Глава IV. «Саламбо»

Заключительный эпизод сцены — этот резкий переход после бушеванья страстей к pianissimo («торжественная затишь») — невольно заставляет вспомнить мысль, высказанную Мусоргским по поводу так понравившегося ему финала первого акта серовской «Юдифи»: «Народ проклинающий, народ свирепеющий в fugatto, теряет последнюю надежду, последнее сознание своих сил — бессильный, он отдается одному чувству,— какой-нибудь сверхъестественный помощи...». Именно эту мысль он выразил в заключительном эпизоде разбираемой сцены, по-своему — и творчески глубже, нежели Серов,— решив сходную драматургическую задачу.

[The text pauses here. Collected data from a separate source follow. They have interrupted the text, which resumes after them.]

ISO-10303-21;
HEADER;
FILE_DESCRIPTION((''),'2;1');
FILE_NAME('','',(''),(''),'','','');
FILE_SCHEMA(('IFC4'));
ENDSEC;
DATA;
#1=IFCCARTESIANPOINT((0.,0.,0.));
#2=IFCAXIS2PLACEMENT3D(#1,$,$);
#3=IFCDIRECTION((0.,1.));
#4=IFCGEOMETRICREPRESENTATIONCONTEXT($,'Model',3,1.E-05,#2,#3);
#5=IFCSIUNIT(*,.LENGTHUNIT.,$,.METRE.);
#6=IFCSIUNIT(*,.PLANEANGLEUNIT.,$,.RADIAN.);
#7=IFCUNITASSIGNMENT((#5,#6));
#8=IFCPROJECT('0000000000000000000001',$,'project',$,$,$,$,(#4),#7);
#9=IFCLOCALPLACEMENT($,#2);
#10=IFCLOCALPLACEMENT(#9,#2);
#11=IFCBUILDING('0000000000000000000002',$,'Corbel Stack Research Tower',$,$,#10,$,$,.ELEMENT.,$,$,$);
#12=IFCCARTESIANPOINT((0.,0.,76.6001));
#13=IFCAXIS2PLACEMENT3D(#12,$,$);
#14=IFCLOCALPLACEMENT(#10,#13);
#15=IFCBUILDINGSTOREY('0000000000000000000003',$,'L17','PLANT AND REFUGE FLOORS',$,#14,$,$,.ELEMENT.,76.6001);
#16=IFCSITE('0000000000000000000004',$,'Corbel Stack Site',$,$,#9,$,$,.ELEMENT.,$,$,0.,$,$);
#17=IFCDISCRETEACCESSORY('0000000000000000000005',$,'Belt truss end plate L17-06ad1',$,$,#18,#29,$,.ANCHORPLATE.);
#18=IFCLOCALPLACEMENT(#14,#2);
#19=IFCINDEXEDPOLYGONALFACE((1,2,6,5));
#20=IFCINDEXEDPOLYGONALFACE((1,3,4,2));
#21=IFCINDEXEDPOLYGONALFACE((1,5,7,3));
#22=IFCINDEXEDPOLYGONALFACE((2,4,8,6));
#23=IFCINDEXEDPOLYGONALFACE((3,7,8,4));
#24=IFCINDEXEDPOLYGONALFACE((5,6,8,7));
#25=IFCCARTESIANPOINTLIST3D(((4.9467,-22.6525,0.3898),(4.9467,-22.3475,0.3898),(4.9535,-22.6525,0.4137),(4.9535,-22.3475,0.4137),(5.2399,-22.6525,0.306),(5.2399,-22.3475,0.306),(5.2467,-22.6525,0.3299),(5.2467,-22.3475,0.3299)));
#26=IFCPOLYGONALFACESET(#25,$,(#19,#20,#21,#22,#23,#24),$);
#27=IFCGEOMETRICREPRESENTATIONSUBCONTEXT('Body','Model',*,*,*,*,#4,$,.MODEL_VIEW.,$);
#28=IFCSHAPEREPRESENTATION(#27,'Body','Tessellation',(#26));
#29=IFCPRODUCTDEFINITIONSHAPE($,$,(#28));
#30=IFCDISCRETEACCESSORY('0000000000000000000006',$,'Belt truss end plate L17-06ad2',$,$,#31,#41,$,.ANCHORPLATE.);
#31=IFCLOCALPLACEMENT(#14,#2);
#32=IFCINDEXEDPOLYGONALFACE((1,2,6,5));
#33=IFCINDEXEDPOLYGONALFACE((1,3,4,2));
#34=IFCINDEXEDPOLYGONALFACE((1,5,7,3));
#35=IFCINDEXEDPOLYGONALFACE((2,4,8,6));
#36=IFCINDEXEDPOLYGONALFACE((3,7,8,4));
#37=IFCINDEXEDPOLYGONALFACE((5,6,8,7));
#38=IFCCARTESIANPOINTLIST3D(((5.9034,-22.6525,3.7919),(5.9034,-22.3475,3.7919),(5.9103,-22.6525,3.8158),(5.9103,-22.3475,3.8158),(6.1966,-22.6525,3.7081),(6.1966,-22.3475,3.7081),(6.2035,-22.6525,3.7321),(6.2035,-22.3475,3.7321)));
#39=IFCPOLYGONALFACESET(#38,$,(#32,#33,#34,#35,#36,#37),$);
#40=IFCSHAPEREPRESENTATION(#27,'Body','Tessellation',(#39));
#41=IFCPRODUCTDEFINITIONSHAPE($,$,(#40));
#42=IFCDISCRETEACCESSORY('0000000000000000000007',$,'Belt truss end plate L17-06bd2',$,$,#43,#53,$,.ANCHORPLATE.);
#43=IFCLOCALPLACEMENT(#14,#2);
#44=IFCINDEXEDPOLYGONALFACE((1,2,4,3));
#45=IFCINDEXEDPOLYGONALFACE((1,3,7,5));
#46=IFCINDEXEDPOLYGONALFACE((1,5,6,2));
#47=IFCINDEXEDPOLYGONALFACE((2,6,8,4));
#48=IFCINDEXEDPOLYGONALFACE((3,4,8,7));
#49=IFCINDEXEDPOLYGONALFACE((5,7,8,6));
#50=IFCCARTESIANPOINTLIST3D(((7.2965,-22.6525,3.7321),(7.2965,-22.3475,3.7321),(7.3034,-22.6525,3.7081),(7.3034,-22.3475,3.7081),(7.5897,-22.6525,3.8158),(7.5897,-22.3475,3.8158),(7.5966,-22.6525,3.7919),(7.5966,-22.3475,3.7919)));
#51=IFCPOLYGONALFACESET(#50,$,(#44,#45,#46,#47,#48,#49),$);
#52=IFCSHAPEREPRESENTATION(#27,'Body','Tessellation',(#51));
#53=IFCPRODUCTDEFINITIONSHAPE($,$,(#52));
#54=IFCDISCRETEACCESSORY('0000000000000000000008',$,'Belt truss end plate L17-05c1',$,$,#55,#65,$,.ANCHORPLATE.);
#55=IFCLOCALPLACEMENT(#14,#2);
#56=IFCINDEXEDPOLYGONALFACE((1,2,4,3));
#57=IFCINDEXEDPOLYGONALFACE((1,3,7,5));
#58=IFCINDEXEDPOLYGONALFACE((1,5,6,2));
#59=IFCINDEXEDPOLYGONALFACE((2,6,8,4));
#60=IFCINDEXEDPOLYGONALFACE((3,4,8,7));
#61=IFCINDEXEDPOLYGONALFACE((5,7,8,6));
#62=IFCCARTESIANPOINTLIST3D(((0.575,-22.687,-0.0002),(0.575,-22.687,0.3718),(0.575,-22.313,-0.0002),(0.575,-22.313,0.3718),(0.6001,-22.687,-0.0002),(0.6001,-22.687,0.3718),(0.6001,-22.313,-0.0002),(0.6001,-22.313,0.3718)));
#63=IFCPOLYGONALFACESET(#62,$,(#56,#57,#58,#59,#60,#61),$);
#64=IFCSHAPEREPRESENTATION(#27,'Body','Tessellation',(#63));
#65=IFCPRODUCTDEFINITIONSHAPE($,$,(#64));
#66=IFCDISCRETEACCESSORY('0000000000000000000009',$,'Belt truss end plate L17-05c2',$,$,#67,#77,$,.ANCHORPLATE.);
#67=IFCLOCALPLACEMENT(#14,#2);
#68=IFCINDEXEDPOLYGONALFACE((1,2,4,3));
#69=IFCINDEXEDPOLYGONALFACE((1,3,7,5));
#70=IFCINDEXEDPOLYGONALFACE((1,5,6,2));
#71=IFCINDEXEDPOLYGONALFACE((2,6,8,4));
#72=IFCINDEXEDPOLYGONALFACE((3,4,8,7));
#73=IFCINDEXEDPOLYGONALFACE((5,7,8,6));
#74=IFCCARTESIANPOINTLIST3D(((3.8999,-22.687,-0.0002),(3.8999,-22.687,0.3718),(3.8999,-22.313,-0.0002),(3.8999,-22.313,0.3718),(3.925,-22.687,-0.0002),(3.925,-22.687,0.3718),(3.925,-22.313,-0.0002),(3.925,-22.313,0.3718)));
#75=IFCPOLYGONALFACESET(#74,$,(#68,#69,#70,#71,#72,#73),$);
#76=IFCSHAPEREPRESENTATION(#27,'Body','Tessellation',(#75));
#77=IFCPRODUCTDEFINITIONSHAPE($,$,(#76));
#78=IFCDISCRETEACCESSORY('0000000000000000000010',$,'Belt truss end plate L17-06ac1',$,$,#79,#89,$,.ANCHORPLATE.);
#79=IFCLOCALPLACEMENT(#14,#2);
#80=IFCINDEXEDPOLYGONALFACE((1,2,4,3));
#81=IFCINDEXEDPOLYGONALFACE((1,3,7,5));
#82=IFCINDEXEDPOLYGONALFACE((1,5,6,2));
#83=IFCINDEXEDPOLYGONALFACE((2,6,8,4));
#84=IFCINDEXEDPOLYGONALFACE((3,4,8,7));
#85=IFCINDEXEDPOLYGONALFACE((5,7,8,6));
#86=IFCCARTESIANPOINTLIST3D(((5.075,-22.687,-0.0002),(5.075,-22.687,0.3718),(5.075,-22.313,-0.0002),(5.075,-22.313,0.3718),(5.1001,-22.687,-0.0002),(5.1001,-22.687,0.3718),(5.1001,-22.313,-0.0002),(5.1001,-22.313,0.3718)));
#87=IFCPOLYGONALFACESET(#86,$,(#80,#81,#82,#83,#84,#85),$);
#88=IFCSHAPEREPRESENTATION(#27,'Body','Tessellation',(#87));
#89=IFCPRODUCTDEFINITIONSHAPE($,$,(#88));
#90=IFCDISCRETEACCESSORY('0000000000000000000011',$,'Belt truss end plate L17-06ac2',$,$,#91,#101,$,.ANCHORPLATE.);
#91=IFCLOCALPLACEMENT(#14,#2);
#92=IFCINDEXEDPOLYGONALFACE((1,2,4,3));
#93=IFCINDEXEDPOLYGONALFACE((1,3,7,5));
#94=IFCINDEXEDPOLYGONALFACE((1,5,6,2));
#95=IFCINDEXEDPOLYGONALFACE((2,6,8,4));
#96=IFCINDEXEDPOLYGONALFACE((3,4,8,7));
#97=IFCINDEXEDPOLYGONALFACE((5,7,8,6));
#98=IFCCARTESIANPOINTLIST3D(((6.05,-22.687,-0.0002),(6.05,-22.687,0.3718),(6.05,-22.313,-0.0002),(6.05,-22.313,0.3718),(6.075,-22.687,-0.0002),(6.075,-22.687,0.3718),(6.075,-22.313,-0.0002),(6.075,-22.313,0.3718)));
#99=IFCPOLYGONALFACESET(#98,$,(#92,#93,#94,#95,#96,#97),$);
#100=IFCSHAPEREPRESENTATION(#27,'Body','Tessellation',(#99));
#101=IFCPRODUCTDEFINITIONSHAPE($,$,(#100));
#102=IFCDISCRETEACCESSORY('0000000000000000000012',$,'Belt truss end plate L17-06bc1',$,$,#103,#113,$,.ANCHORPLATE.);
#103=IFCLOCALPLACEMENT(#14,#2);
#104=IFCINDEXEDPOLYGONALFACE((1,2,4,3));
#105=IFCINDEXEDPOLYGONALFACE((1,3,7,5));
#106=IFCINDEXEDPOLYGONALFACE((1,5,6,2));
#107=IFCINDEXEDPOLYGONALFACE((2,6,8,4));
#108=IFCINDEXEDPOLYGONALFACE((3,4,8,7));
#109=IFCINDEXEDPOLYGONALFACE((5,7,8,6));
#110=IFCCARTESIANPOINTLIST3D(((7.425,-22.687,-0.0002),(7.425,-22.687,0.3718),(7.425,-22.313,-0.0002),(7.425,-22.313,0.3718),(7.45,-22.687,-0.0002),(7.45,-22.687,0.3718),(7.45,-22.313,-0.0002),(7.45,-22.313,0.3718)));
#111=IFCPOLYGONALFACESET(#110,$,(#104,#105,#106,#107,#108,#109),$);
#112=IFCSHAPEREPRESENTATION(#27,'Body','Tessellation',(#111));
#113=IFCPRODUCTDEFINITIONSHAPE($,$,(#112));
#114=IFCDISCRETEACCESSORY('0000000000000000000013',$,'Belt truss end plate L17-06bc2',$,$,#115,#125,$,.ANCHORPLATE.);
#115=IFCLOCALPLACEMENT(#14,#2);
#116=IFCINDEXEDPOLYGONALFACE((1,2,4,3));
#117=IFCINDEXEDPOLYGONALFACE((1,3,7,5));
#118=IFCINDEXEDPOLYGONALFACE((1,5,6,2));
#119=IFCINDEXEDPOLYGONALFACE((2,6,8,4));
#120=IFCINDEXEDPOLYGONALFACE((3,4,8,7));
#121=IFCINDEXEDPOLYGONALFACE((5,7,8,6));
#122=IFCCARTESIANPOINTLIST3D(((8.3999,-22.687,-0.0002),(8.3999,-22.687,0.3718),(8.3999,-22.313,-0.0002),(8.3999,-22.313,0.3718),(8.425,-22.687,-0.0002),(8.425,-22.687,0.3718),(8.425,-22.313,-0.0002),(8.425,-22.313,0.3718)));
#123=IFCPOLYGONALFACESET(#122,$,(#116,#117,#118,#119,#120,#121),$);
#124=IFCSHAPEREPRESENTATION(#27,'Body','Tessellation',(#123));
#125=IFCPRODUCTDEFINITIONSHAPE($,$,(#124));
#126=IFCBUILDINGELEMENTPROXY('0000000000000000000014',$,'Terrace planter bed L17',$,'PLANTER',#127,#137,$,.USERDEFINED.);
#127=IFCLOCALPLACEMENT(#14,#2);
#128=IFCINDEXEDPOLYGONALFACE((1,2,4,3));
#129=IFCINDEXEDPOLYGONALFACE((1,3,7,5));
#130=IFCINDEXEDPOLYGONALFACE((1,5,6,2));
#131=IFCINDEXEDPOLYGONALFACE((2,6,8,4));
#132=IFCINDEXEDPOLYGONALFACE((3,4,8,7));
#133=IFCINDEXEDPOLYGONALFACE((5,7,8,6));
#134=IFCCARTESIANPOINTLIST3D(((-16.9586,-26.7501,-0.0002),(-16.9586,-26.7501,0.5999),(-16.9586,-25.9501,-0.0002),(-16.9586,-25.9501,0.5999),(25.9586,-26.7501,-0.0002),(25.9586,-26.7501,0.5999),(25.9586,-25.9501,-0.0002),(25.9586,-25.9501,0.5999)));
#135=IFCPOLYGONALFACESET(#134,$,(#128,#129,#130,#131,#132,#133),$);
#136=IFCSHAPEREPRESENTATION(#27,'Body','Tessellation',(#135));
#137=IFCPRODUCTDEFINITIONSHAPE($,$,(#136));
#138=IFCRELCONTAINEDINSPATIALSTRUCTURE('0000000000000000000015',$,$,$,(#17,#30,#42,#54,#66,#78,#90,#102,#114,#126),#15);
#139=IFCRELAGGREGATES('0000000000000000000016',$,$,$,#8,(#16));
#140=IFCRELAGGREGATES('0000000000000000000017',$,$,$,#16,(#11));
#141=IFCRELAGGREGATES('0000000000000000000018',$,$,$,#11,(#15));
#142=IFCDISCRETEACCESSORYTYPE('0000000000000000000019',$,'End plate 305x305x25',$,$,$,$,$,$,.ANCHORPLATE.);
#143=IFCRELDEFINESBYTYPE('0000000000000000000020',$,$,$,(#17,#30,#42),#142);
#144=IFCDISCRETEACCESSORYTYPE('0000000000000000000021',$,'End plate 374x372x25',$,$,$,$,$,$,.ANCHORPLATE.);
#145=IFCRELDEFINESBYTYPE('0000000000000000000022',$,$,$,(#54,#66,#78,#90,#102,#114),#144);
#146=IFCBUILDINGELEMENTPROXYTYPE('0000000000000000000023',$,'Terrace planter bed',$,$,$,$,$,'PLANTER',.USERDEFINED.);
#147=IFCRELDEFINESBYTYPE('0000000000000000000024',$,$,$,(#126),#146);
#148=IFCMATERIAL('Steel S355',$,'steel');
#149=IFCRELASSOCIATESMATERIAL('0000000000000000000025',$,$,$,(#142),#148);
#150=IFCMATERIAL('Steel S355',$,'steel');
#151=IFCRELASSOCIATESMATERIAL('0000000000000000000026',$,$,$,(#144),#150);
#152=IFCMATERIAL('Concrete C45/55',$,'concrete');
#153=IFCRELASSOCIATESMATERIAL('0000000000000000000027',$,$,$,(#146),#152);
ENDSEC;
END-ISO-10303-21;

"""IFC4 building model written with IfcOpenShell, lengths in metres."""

from ifc_helpers import new_model, si_unit, direction, frame, origin, origin_2d, place, context, subcontext, project, spatial, rectangle, extrude, material, material_profile, profile_set, type_object, element, save


model = new_model("IFC4")

# Units and contexts
model_context = context("Model", 3, precision=1e-05, world=origin(), true_north=direction((0.0, 1.0)))
body_context = subcontext(model_context, "Body", "Model", "MODEL_VIEW")
ifc_project = project(units=[si_unit("LENGTHUNIT", "METRE"), si_unit("PLANEANGLEUNIT", "RADIAN")], contexts=[model_context])

# Site, building, storey
site_placement = place(None, origin())
site = spatial("IfcSite", under=ifc_project, at=site_placement, Name="Corbel Stack Site", CompositionType="ELEMENT", RefElevation=0.0)
building_placement = place(site_placement, origin())
building = spatial("IfcBuilding", under=site, at=building_placement, Name="Corbel Stack Research Tower", CompositionType="ELEMENT")
storey_placement = place(building_placement, frame((0.0, 0.0, 76.6001)))
storey = spatial("IfcBuildingStorey", under=building, at=storey_placement, Name="L17", Description="PLANT AND REFUGE FLOORS", CompositionType="ELEMENT", Elevation=76.6001)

Превосходная музыка сцены грозы, органично слитая с предыдущей сценой, раскрывает внутренний смысл и динамику образных контрастов тематизма, характеризующего душевное состояние народа в один из самых критических моментов его истории. В высшей степени удачен замысел Мусоргского завершить мрачное «действо жертвоприношения» бурей, разразившейся над осажденным Карфагеном (в романе ее нет). «Эта буря, как высшая точка драматического напряжения, является и по музыке своей кульминационным пунктом всей композиции,— писал В. Каратыгин. — Громадной стихийной силы и яркости достигает здесь Мусоргский, но, к несчастью, здесь, быть может, больше, чем в других частях своей композиции, автор обнаруживает и все изъяны своей техники. Музыкальные мысли мало развиты, общая форма весьма неопределенна, голосоведение корявое. А между тем, при надлежащей редакции, вернее, при значительной перекомпоновке, из материала Мусоргского могла бы выйти во всех отношениях прекрасная и сильная страница оперно-симфонической музыки, быть может, способная поспорить даже с гениальной «Ночью на Лысой горе».

Технические «изъяны» в композиции сцены грозы, несомненно, имеются, однако не столь крупные,— иначе Мусоргский не сумел бы «достигнуть громадной стихийной силы и яркости». Дело в том, что интереснейший замысел сцены грозы запечатлен композитором импровизационно — в мощных и острохарактерных очертаниях образного движения музыки (это заметно и в некоторых авторских ремарках, словно восполняющих недостающую детализацию тематической разработки). Отсюда непосредственное общее впечатление громадной стихийной силы и яркости. Но отсюда же и разбросанность, эскизность линий развития, нарушающих привычные каноны формы, неожиданная подчеркнутость некоторых изобразительных эпизодов (с фиксацией оркестровых эффектов), кажущаяся «корявость» голосоведения и т. д. Напомним, что сам Мусоргский рассматривал свой клавир «Саламбо» как первоначальный эскиз партитуры «в фортепьянных набросках». И если б он продолжил работу над оперой, то, конечно, не раз еще вернулся бы и к сцене грозы, отделывая и совершенствуя ее в деталях. Во всяком случае, музыка этой сцены — ив том виде, в каком она сохранилась, со всеми недочетами импровизационной манеры изложения,—принадлежит к лучшим страницам оперы. Следующее за ней —

3. Славление Молоха — небольшая и, в сущности, промежуточная сцена. «Жрецы спускаются попарно в процессии, с зажженными факелами в руках». Торжественное шествие во вкусе «большой оперы». Хор жрецов и хор народа (с военным оркестром в ротонде): «Слава Молоху, мстителю...». Эффектная композиция построена на непрерывном динамическом нарастании звучности (от рр к ff). В музыке славленья характерный штрих: рядом с основной темой здесь возникает несколько видоизмененный «марциальный мотив»; он появляется в хоре народа и затем разрабатывается в оркестре.

Впоследствии, сочиняя Сцену под Кромами, Мусоргский переделал музыку славления Молоха для эпизода «встречи Самозванца».

Разобранные выше три сцены первой картины третьего действия «Саламбо» были закончены композитором 23 июля 1864 года (клавир с эскизными пометками оркестровки).